Businesses maintain financial accounts for various reasons. First, it’s expected by law in many jurisdictions that companies keep financial records. Second, it enables businesses to keep track of incomes and expenditures, information that is essential to understanding their financial position. Third, companies use these records to compute taxes due.
Financial accounting is a branch of accounting that comprises the analysis, summary and reporting of a business’s financial transactions. These transactions are guided by standard guidelines which provide direction on how to record, summarise and present the information. The recipients of this information are varied and range from business owners and shareholders to employees, government agencies and the general public.
A standard framework that guides the preparation of financial accounts is the Generally Accepted Accounting Principles (GAAP), which has the rules and conventions that accountants are expected to follow when preparing financial statements. Another accounting standard, the International Financial Reporting Standards (IFRS), exists to guide the reporting of particular types of transactions. IFRS is used more internationally, therefore helping to ensure consistency in financial reporting among businesses with a global footprint.
It’s important to note that among the various purposes of financial accounting, it cannot provide the value of a company. Instead, it provides enough information to allow the recipients of the financial statements to assess this for themselves. As a businessman with extensive experience in international business, Domen Zavrl understands the true value of financial accounting and reporting in the global business environment.

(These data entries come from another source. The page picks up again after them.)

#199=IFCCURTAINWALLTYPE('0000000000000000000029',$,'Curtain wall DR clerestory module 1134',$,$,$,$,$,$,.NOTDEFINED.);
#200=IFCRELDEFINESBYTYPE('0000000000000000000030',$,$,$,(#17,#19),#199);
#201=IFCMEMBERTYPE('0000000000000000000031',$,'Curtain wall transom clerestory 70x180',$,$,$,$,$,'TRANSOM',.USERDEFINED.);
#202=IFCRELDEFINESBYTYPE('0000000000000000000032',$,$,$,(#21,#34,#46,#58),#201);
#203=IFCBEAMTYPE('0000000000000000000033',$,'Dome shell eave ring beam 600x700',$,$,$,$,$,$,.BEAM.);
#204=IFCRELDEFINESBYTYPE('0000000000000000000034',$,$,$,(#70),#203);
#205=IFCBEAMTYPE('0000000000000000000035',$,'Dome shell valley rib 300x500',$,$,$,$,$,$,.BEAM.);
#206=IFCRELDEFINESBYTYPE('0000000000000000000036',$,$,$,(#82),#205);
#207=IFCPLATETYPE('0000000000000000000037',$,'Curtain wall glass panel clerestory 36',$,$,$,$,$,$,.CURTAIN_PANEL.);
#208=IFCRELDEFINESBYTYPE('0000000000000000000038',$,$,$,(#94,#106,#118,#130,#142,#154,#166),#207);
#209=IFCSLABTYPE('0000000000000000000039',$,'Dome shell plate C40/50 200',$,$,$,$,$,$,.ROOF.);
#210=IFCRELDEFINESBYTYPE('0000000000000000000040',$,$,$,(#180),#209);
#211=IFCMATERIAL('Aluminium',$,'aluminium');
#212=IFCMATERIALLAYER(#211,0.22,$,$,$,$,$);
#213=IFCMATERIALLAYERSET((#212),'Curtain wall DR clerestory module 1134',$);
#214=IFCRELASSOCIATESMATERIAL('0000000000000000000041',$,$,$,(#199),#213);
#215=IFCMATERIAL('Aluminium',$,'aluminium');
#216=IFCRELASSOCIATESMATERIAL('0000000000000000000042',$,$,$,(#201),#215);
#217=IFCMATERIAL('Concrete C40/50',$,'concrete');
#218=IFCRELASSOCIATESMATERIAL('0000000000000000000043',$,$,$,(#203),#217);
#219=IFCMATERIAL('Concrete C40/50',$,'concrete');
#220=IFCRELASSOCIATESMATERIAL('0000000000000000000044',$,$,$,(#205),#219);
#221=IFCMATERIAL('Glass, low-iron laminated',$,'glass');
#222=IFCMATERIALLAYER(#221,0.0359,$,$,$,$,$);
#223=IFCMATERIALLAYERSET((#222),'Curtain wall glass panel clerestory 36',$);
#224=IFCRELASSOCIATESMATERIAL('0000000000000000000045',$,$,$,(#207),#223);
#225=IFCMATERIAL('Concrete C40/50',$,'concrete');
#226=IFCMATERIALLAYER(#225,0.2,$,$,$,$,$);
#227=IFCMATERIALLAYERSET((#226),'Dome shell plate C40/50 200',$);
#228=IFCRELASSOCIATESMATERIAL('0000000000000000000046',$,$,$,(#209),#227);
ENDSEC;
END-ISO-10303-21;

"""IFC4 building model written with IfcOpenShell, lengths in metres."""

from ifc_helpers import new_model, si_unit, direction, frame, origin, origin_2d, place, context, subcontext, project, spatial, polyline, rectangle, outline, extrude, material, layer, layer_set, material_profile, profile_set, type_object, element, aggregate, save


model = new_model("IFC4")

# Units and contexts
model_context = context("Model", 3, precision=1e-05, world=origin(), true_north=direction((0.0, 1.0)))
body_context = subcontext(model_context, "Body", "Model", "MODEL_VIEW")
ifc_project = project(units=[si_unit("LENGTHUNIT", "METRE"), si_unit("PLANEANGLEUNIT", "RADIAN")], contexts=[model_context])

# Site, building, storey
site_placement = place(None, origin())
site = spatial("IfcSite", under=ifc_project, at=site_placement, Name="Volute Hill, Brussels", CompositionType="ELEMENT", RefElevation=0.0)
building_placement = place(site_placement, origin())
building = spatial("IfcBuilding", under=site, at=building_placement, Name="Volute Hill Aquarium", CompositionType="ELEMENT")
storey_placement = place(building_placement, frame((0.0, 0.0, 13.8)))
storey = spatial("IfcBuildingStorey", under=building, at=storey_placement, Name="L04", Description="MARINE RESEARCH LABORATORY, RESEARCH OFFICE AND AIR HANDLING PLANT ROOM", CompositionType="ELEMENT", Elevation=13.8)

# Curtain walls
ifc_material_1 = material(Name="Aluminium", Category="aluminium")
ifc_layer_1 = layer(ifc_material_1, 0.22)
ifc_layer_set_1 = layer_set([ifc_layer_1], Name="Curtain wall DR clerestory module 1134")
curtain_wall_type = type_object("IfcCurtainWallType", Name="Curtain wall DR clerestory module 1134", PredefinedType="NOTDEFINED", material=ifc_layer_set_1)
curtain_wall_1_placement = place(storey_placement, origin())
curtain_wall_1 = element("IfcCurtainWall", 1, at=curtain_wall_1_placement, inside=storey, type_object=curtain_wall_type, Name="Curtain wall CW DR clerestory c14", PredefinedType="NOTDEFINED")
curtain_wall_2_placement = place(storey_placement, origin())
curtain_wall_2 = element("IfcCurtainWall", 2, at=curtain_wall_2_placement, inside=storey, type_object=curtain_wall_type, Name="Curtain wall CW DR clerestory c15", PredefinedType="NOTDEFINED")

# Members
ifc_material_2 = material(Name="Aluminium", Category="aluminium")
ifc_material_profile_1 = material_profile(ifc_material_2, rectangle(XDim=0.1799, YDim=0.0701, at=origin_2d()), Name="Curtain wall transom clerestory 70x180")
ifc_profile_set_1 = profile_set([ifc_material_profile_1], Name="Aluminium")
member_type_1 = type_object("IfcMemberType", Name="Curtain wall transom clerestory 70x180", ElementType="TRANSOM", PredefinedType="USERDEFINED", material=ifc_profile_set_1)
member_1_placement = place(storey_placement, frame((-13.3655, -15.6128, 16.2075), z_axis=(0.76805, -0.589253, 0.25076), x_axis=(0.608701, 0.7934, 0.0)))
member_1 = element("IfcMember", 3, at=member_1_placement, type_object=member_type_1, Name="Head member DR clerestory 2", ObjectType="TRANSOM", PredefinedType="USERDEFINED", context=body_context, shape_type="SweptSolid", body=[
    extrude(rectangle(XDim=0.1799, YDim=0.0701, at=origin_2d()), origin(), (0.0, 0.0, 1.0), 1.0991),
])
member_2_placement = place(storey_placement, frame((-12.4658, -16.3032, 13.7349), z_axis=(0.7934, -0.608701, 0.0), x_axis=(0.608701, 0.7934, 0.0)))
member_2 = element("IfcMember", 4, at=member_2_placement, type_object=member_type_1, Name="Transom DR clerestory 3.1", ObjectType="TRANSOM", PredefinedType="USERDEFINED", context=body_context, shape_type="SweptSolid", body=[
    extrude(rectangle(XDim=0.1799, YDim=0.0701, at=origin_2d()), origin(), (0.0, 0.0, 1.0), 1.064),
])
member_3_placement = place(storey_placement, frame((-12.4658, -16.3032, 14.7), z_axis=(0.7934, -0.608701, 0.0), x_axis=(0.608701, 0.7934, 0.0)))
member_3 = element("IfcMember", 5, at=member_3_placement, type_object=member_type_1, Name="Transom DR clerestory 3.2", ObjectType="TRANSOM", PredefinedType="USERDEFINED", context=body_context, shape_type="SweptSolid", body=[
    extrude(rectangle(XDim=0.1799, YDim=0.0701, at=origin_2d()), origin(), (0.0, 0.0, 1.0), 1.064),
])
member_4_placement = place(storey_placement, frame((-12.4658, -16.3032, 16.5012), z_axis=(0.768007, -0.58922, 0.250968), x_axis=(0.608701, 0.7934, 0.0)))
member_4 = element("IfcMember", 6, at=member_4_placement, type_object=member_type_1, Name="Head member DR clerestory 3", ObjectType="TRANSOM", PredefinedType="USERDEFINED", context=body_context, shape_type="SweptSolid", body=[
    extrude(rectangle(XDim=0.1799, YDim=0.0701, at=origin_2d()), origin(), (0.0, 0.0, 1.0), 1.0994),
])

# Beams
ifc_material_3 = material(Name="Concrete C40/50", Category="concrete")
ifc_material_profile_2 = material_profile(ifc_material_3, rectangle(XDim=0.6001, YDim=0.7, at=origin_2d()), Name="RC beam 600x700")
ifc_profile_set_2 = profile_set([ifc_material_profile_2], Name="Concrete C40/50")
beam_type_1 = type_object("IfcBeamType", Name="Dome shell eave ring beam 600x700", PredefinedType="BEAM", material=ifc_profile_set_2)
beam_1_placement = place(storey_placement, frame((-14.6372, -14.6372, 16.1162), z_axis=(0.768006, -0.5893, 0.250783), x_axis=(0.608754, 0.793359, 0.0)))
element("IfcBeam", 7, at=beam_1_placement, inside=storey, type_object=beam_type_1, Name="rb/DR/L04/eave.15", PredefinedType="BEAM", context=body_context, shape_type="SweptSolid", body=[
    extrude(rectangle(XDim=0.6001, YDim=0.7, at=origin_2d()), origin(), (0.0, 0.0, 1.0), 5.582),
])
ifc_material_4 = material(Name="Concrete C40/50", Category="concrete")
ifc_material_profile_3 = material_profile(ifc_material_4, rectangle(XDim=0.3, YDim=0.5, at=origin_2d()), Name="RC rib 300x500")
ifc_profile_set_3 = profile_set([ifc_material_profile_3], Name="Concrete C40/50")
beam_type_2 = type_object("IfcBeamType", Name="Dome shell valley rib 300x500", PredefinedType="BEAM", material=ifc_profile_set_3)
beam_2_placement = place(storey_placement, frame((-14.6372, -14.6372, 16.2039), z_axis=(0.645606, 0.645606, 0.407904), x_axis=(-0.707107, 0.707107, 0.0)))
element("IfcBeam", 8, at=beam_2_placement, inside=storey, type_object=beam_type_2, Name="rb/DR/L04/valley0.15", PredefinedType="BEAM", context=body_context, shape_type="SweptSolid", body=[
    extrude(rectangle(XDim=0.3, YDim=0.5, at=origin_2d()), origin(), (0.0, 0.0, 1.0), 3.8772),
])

Five main categories of financial data are vital to financial accounting: assets, expenses, equity, liabilities and revenues. Accounting and reporting on expenses and revenues are captured on the income statement, while assets, equity and liabilities are found on the balance sheet.
The Core of Financial Accounting
Central to financial accounting is a system of recording transactions known as double-entry accounting. The system requires that for every business transaction, at least two accounts are affected. For example, if a company buys supplies using cash, its Cash and Supplies accounts are affected. One of the accounts will have an amount recorded as a debit (the Cash account), while the other will have an amount credited to it (Supplies). When recording the transaction, the credit and debit amounts must be equal.
The double entry system ensures that a company’s assets (A) equal its liabilities (L) and equity (E) accounts. This equality is what’s commonly known as the accounting equation, which is captured as A=L+E. Assets represent what the company owns, liabilities represent what it owes to others (for example, banks, creditors, suppliers), and equity is what’s left from the difference between the two.
A second crucial aspect of financial accounting is the method that it follows. There are two:
- Cash Method: This method entails recording transactions when the business receives an actual cash payment or pays an obligation in cash
- Accrual Method: The accrual method requires the recording of transactions when they occur rather than when the money is received or paid out
Many companies use the accrual method to record financial transactions as it ensures all aspects of the companies’ finances reflect economic reality.
Users of Accounting Information
Three different types of users have been identified as having an interest in the information produced through financial accounting. These are:
- Internal Users: Management and ownership will use financial data to assess whether to borrow more resources or to use surplus finances to expand into new markets.
- External Users: External users have different interests and questions they want to be answered through a company’s financial information. A supplier, for example, will be interested in whether the business has the finances to pay its debts. An employee, on the other hand, will assess a company’s financials to understand whether it can sustain the workforce.
- Government Agencies: Agencies such as tax authorities will scrutinise financial statements to confirm whether a business is meeting its tax obligations as specified in law.